Two reviewers independently assessed the methodological quality of the studies (SLM and AvD). Items were scored positive (+) if sufficient information was given in the original article; items were scored negative (−) if the item was not considered. Items were scored non-applicable (NA) if the item did not apply to the article. If insufficient information was given, the item was scored ‘do not know’ (?). A consensus meeting was held to reach agreement on the quality items. If agreement could not be reached, the quality of an item was decided by arbitration (KAH). When an item was scored ‘do not know’, the authors of the articles were contacted and asked to elaborate on the items.

Quality scores were assigned to each article by dividing the number of positive items by the total number of applicable items. High quality studies scored over 50% and additionally reported adjusted outcomes. Low quality studies scored 50% or lower and/or only reported crude outcomes.28–30 When at least two high quality studies were available for each analysis, the low quality studies were excluded from analysis.28

Evidence synthesis

To summarise the results on the relationship between shift work and sick leave, levels of evidence synthesis was performed. This was based on the methodological quality, study design and the consistency of the study outcomes. The following criteria were based on Ariëns et al: 31

  • Strong evidence: Consistent findings in multiple high quality cohort or case-control studies.

  • Moderate evidence: Consistent findings in one high quality cohort or case-control study and multiple high quality cross-sectional studies.

  • Some evidence: Findings of one cohort or case-control study or consistent findings in multiple cross-sectional studies, of which at least one study was of high quality.

  • Inconclusive evidence: All other cases (consistent findings in multiple low quality cross-sectional studies or inconsistent findings in multiple studies).
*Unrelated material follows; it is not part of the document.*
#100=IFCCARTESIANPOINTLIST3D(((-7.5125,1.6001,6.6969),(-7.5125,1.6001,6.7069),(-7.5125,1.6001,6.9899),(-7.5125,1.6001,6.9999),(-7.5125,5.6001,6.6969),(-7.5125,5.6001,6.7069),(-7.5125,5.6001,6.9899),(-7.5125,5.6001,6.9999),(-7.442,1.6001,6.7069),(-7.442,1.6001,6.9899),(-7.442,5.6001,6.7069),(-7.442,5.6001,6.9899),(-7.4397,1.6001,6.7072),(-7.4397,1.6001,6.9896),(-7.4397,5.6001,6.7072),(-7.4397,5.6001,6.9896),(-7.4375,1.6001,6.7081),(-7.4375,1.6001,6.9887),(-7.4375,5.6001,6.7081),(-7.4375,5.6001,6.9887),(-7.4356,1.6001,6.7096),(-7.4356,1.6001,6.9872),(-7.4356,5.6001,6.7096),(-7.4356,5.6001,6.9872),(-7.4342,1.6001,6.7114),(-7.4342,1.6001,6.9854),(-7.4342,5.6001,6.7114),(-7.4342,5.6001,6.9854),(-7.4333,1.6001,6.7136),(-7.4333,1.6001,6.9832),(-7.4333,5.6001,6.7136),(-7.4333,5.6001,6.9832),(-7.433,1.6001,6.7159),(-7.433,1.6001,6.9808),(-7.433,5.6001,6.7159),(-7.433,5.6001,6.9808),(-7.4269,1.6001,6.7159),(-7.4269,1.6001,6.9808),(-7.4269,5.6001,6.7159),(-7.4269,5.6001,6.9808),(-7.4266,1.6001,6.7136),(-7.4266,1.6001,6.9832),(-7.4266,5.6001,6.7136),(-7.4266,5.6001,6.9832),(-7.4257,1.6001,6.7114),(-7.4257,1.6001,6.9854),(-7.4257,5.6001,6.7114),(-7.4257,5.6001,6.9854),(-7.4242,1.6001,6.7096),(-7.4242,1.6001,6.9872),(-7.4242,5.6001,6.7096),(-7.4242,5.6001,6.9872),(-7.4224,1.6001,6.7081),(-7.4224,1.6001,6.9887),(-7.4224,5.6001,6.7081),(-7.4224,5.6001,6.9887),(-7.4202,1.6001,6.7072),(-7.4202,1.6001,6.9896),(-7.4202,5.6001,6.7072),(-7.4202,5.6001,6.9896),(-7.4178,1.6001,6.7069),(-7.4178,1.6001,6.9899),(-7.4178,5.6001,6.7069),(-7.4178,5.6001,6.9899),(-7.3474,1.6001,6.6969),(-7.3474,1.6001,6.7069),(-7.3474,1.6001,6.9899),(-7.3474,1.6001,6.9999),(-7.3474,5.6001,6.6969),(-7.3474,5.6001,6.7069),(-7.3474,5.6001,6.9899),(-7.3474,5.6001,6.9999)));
The study outcomes were first inspected for statistical significance (p<0.05). In the case of no statistical significance, it was checked whether the effect estimates were meaningful, defined as RR/OR/HR >1.4 or <0.71. The meaningful cut-off point 1.4 was based on the upper range for significant effect estimates of work-related predictors for sick leave.32 33 The cut-off point 0.71 is the inverse of 1.4. Findings were considered to be consistent if ≥75% of the studies showed significant or meaningful results, as previously defined, in the same direction.

Data extraction

A reviewer couple independently extracted data from each article with the help of a data extraction table. One reviewer (SLM) extracted data from all included articles, while ML, TL, KAH and AvD formed a review couple with SLM for individual articles. ML and TL extracted data from 10 and 11 articles, respectively. TL was a coauthor of an additional two articles included in the review; therefore, KAH performed the data extraction from those articles. One article was written in a language that was foreign to ML, TL and KAH, and therefore AvD performed the data extraction from that article.
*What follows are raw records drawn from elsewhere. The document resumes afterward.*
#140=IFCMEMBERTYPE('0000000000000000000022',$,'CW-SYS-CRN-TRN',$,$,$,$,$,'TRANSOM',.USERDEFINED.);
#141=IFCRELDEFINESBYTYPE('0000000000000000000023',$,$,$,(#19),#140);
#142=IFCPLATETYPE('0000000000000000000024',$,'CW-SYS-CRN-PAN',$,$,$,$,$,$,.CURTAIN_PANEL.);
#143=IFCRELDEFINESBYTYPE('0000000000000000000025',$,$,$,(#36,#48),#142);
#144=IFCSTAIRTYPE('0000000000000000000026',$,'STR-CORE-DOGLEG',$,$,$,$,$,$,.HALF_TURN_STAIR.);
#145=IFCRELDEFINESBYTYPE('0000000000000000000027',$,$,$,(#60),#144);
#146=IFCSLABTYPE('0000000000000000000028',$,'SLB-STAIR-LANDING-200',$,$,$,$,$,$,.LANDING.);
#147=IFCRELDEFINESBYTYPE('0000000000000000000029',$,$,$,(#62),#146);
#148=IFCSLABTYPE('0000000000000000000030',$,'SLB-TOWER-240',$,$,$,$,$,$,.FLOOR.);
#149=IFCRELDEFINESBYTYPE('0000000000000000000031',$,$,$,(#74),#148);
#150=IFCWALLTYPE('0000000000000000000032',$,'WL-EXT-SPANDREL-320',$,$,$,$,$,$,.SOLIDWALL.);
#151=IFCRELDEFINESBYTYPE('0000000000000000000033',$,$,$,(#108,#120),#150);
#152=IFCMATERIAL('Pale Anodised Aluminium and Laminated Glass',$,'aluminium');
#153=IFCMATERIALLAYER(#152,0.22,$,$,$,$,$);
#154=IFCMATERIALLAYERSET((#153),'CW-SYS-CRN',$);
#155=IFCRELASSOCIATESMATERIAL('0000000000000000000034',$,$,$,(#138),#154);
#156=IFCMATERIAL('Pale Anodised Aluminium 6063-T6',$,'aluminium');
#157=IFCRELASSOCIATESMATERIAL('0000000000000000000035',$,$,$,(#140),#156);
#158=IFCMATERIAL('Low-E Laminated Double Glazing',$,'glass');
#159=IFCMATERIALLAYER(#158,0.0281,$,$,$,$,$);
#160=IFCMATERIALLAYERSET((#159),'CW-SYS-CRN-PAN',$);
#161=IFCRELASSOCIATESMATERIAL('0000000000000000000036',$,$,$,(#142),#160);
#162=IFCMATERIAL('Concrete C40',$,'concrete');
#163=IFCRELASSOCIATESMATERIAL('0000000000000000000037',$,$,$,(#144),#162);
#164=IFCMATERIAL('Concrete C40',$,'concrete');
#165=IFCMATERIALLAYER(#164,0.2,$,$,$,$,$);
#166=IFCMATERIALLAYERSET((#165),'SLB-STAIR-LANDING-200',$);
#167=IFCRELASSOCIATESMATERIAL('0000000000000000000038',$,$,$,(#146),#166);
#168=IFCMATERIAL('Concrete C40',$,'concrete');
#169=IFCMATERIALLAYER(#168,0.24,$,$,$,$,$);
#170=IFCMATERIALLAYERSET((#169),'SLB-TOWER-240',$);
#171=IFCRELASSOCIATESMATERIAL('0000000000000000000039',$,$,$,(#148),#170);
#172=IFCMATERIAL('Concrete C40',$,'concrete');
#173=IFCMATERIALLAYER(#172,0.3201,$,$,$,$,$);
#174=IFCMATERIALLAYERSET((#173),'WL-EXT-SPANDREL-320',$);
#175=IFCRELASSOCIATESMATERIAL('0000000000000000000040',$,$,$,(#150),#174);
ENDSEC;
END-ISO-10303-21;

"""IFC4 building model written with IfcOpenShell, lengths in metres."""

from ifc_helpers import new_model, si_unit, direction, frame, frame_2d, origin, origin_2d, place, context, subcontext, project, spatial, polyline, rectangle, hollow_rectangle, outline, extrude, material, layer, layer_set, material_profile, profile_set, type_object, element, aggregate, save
The following details were extracted from the articles: language, country, study design, population characteristics, sample size, participation rate (all designs), participation rate at main moment of follow-up (cohort design), working times and shift characteristics, outcome assessment, confounders measured, analysis technique used, and adjusted results.

Results

Search

An overview of the references found in the different databases and the selection process is given in figure 1. The search strategy yielded a total of 1576 references. After removing the duplicates, 1207 titles and abstracts were screened for eligibility. From these, 183 full text articles were retrieved and further examined. This resulted in 24 articles that met the inclusion criteria.

Figure 1.

Figure 1

An overview of the number of articles found, screened and included in the review.

Reader couple SLM and ML assessed one full text article for eligibility, and agreed on exclusion. Reader couple SLM and AvD examined the remaining 182 full text articles. This resulted in an 80% agreement, with a Cohen's κ value of 0.52, indicating a fair inter-rater agreement.34 The main reasons for exclusion were a lack of reporting analysis techniques and numerical results.
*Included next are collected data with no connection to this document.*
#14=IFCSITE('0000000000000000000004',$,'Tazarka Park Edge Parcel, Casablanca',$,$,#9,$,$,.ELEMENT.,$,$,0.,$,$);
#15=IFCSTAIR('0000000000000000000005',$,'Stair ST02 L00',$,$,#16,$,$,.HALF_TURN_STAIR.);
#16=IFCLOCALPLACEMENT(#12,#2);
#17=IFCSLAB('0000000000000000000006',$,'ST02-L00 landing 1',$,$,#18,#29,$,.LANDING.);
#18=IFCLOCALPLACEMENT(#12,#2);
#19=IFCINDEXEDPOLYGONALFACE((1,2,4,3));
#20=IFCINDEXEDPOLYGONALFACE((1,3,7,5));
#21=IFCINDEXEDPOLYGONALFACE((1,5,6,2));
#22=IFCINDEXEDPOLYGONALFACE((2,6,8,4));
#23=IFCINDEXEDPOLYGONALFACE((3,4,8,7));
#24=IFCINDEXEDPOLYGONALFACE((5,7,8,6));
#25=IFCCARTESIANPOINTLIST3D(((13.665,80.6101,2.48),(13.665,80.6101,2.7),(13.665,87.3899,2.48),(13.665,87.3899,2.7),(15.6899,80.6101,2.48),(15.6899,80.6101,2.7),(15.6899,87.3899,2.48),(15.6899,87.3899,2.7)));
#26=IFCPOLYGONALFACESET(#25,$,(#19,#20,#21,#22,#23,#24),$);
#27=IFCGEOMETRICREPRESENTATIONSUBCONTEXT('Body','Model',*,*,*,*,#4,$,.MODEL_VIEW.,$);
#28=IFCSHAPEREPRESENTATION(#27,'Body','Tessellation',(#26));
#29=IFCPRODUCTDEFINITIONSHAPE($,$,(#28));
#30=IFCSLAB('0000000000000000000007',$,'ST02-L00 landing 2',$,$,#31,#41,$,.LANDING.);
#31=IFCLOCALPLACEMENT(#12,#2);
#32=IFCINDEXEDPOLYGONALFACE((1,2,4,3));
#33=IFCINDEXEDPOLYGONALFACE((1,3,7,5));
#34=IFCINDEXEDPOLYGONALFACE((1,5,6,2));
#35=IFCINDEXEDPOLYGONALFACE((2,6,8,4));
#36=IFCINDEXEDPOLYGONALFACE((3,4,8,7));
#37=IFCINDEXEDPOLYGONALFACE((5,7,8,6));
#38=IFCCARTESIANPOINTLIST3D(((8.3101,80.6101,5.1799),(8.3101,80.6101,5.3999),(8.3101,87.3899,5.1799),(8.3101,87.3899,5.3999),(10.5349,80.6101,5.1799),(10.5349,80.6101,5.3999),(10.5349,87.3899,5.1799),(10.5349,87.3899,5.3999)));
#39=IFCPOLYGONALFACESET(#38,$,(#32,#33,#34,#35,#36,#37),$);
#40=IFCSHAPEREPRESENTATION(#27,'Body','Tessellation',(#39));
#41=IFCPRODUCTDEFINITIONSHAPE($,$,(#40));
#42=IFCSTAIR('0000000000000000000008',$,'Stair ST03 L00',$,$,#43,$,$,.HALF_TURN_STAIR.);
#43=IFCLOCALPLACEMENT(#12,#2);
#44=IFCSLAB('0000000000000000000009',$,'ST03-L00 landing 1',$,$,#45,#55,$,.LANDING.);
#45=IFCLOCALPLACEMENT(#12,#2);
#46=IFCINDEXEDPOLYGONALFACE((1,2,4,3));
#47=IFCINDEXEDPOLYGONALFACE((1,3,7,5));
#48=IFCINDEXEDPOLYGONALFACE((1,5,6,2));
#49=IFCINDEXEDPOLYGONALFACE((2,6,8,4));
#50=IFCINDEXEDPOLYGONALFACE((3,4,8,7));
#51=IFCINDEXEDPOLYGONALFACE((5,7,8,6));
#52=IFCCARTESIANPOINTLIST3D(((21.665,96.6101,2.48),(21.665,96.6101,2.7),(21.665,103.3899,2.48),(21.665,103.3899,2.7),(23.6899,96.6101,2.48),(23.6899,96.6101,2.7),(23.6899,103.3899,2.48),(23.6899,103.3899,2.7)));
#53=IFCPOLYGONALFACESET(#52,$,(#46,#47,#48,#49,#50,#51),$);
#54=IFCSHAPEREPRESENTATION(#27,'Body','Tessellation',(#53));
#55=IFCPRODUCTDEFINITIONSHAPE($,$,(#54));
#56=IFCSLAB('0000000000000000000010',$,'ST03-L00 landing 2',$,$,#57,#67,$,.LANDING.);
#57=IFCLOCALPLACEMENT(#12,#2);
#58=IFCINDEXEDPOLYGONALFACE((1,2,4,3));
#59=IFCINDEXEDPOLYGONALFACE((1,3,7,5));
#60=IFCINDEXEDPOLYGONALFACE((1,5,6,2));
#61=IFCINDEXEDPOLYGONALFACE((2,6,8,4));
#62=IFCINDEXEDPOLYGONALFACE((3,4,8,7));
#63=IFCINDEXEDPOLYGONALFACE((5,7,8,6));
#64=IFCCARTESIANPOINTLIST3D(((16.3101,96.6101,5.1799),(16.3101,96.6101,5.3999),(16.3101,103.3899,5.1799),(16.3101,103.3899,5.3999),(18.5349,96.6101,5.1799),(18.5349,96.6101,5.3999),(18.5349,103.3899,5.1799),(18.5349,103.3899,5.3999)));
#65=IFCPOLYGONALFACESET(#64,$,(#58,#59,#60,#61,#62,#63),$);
Methodological quality assessment

The outcome of the methodological quality assessment is given in table 2. The inter-rater agreement for the quality assessment was 81%, resulting in a Cohen's κ of 0.70, reflecting good agreement between the two reviewers.34

Table 2.

Methodological quality appraisal of the studies

Study references Methodological items Score (%) Adjusted analysis Quality
1 2 3 3A 3B 4 5 6 7 8 8A 9 10 11 12 12A 13 14 15 15A
Prospective/retrospective cohort studies
 Tüchsen et al 35 + +* + NA NA + + + + + +* + 67 Yes High
 Tüchsen et al 36 + + + +* NA NA + + + + + ? + 67 Yes High
 Angersbach et al 37 + + NA NA + + + + + NA 50 No Low
Case-control studies
 Kleiven et al 38 + + + + + + NA NA + + + + + + + 76 Yes High
 Bourbonnais et al 39 + + + + NA NA + + + + + + 59 Yes High
Cross-sectional studies
 Higashi et al 40 + + + + + NA NA + + NA + 67 Yes High
 Niedhammer et al 41 + + + + NA NA + + + + 62 Yes High
 Böckerman and Laukkanen42 + + +* NA NA + + +* + 54 Yes High
 Ohayon et al 43 + + + + NA NA + + + 54 Yes High
 Eyal et al 44 + + ? + NA NA + + + + 54 Yes High
 Chan et al 45 + + + NA NA + + + + + NA + 75 No Low
 Koller46 + + + + + NA NA + + NA + 67 No Low
 Smith et al 47 + + + + NA NA + NA NA + 55 No Low
 Colligan et al 48 + + + + NA NA + + NA 50 No Low
 Drake et al 49 + + + NA NA + + NA + 50 No Low
 Chee and Rampal50 + + * +* + +* NA NA + 46 No Low
 Lambert et al 51 + + NA NA + + + + 46 No Low
 Olsen and Dahl52 + + NA NA + + + + 46 No Low
 Jamal and Baba53 + + + NA NA + + NA 42 No Low
 Sveinsdottir54 + + + NA NA + NA + 42 No Low
 Demerouti et al 55 + + + * NA NA + + 38 No Low
 Aguirre and Foret56 + + ? + NA NA + NA + 42 No Low
 Drago and Wooden57 + + NA NA + + + 38 No Low
 Fawer and Lob58 + NA NA NA NA + 18 No Low
*

Item changed from ‘?’ after information was retrieved from the authors.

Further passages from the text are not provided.